There have been similar decreases in the cost curve in wind which has led to significant growth in the offshore wind market. In levelised cost of energy terms, this has led to the individual offshore wind units becoming much bigger. We are seeing 11MW turbines now in the North Sea as we move along the cost curve.
Are you intending to invest in grid network upgrades and energy storage as well?
SL: Yes, this is an important part to achieve energy security and ensuring there is sufficient base load power available, with better ways to store renewable energy and to tap into it when the demand is there.
We need to appreciate the scale of the energy transition. The entire world is going electric, and this requires significant grid upgrades and growing battery storage to extend the hours when you can use renewables.
The increasing adoption of electric vehicles, which is likely to happen in the coming decade, is just one aspect of the growth in demand for electricity which we anticipate. We are therefore seeing operators increasingly focus on battery storage to improve that capacity.
This is a very important component in their operating models. They are looking at lithium-ion batteries across Europe.
What other renewable sectors are you interested in?
SL: As investors, we focus on onshore and offshore wind, solar PV, energy efficiency and battery storage. Hydropower is a very well exploited energy source in Europe with more than 50 years of history. As a consequence, the opportunities are more limited.
Otherwise, we have invested in biomass on the equity side of the business, but local sourcing can restrict the market, as does the current cost of energy production.
The same is true of geothermal. We don’t see that being exploited in Europe on the scale that one might see for example in the Rift Valley in East Africa.
What are your geographical preferences for investment?
CV: This is a pan-European strategy, and within Europe we have a preference for the larger western economies such as the UK, Nordics, Germany, France, Spain and Italy. This means we are overwhelmingly euro-focused. We don’t anticipate investing in Eastern Europe in the near term.

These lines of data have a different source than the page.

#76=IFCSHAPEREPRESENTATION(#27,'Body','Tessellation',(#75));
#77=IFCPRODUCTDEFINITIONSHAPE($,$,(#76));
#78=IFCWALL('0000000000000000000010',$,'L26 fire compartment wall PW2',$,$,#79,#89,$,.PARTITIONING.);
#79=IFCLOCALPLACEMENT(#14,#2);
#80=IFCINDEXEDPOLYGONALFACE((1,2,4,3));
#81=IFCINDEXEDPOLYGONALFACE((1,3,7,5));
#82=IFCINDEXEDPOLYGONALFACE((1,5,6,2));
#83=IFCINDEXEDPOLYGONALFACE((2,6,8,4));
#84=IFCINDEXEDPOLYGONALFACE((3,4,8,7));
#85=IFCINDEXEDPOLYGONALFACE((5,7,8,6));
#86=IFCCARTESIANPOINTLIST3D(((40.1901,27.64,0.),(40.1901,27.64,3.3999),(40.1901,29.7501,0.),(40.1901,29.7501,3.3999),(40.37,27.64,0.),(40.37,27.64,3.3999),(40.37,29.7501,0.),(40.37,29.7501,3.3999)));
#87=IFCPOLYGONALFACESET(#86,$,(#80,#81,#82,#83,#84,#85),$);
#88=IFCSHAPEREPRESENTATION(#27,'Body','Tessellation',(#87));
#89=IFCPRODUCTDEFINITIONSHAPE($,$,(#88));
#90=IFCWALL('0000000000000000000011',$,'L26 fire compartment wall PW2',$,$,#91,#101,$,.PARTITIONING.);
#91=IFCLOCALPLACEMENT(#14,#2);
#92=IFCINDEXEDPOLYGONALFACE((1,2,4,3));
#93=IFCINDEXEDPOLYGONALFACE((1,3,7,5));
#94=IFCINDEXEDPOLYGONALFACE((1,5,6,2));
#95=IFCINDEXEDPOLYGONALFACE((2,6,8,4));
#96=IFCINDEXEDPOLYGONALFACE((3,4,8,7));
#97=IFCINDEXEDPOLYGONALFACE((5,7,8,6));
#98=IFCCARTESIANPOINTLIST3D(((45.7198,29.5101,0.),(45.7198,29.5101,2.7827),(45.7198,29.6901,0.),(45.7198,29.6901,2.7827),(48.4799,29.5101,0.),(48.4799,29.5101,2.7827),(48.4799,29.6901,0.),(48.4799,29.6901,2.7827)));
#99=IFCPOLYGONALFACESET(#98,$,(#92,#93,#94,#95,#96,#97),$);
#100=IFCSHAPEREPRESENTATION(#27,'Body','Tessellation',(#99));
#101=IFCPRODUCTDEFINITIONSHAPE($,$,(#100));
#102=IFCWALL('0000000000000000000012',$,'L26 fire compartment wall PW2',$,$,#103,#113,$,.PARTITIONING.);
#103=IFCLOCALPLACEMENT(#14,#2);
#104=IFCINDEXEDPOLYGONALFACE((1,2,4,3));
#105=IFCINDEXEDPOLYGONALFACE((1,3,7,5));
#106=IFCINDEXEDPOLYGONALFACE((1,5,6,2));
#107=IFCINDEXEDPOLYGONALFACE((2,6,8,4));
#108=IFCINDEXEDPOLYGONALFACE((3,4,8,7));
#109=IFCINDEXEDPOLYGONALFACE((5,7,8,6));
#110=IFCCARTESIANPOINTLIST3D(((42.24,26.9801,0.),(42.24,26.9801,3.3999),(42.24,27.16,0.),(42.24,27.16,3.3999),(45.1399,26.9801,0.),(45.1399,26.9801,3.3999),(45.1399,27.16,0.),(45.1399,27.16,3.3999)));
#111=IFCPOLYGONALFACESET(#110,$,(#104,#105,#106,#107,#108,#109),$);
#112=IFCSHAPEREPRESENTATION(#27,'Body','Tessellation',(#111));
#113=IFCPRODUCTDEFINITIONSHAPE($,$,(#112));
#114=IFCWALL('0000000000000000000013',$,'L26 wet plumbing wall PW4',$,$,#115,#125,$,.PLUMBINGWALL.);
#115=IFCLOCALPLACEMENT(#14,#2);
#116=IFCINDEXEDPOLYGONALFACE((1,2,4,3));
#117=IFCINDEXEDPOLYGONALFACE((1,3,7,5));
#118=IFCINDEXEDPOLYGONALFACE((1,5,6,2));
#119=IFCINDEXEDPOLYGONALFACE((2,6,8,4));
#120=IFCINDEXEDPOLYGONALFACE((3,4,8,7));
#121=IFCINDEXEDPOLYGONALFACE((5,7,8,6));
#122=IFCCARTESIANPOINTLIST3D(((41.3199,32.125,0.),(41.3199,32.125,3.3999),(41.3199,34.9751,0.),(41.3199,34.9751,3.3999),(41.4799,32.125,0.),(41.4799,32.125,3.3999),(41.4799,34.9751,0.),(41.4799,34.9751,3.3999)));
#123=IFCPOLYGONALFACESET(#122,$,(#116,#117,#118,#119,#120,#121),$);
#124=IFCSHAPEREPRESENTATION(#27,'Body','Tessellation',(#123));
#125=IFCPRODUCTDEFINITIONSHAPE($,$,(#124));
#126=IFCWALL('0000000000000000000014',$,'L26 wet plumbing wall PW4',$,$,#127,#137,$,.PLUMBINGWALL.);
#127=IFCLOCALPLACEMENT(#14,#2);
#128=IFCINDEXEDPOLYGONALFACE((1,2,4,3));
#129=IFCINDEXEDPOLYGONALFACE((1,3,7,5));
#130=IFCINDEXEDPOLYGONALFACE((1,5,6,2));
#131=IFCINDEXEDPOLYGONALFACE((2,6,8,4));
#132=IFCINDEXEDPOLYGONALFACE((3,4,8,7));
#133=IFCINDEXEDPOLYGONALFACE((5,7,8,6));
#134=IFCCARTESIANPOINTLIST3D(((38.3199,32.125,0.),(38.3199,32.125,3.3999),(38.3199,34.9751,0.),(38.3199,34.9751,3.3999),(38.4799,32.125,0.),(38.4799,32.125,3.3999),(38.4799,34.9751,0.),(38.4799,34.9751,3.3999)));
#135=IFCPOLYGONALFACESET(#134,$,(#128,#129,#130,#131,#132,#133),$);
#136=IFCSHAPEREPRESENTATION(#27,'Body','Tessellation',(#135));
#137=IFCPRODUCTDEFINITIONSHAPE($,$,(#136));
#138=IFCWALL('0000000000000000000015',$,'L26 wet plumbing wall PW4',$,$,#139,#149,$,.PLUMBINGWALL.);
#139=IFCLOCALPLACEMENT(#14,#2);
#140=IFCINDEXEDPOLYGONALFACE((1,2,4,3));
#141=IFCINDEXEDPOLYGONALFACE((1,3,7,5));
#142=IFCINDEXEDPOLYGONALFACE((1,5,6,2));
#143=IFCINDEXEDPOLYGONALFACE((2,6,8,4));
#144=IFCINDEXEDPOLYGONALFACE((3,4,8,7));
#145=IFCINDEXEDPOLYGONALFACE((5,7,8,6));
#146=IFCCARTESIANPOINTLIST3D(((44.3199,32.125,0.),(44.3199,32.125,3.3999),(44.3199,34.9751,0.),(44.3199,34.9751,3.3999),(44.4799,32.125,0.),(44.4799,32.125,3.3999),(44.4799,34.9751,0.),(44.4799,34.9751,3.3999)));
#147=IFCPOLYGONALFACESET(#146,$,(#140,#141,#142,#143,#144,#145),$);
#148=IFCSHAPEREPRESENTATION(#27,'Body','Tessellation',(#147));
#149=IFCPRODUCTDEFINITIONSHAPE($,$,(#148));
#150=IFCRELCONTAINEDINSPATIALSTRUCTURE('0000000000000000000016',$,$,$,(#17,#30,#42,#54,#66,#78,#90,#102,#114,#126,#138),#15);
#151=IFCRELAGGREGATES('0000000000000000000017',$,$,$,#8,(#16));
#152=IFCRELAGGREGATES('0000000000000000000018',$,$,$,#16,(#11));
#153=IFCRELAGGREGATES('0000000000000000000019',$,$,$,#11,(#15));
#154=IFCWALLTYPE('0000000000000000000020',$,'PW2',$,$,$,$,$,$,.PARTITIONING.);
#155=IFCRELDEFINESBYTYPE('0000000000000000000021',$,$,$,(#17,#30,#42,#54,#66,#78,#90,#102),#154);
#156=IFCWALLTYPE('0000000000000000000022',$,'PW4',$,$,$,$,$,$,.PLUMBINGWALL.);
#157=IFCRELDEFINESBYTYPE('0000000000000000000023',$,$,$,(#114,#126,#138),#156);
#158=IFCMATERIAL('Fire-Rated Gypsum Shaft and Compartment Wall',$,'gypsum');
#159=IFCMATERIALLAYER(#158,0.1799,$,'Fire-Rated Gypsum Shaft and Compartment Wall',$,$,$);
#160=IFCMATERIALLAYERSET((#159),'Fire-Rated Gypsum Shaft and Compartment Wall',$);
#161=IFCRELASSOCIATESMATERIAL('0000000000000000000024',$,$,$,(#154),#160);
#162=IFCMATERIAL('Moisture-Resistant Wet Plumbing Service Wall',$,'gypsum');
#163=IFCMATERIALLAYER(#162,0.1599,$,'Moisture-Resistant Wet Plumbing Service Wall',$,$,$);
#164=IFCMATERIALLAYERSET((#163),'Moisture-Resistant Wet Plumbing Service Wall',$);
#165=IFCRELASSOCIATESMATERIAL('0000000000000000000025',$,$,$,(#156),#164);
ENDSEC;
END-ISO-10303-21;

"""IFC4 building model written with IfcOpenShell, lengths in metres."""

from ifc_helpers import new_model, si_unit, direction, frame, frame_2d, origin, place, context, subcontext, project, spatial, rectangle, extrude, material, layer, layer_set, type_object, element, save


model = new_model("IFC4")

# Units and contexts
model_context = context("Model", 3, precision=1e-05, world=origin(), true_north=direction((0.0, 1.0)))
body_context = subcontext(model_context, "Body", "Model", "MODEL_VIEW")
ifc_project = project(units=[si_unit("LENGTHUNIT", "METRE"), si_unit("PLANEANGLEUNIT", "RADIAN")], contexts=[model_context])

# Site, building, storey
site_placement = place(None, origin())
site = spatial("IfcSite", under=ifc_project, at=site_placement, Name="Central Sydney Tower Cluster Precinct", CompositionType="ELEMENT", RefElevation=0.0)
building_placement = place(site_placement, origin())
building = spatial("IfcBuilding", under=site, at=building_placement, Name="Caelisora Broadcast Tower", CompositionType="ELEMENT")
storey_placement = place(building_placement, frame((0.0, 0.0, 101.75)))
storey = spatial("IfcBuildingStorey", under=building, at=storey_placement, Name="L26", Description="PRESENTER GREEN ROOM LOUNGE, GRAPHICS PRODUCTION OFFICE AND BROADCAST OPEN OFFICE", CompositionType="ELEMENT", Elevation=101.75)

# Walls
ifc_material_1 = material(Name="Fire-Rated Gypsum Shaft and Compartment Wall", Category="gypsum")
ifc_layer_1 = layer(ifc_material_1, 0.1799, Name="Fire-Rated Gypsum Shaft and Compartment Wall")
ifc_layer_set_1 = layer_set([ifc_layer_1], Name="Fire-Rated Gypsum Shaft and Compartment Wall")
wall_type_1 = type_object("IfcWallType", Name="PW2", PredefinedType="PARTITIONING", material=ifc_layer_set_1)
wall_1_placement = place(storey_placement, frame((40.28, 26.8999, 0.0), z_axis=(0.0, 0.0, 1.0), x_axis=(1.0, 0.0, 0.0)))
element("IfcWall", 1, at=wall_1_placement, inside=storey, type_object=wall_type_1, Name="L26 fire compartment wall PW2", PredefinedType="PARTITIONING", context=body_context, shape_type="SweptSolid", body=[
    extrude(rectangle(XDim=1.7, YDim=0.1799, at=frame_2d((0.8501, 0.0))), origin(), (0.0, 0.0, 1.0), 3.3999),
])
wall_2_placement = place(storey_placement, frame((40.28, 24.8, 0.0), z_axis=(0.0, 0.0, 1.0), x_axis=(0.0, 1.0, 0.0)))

Europe is where our network, market expertise and track record are established. It is where, as a team, we have 18 years of track record and a competitive advantage in the credit markets.
How do you see the outlook for infrastructure debt?
SL: The defensive qualities of the sector can protect it from short-term recessionary considerations. Our assets tend also to have a hedge against inflation, and power price increases can increase our operators’ cashflow.
Beyond that, the energy transition will be one of the great macro themes for the next decade.
We think that this year will prove a very good vintage for infrastructure credit.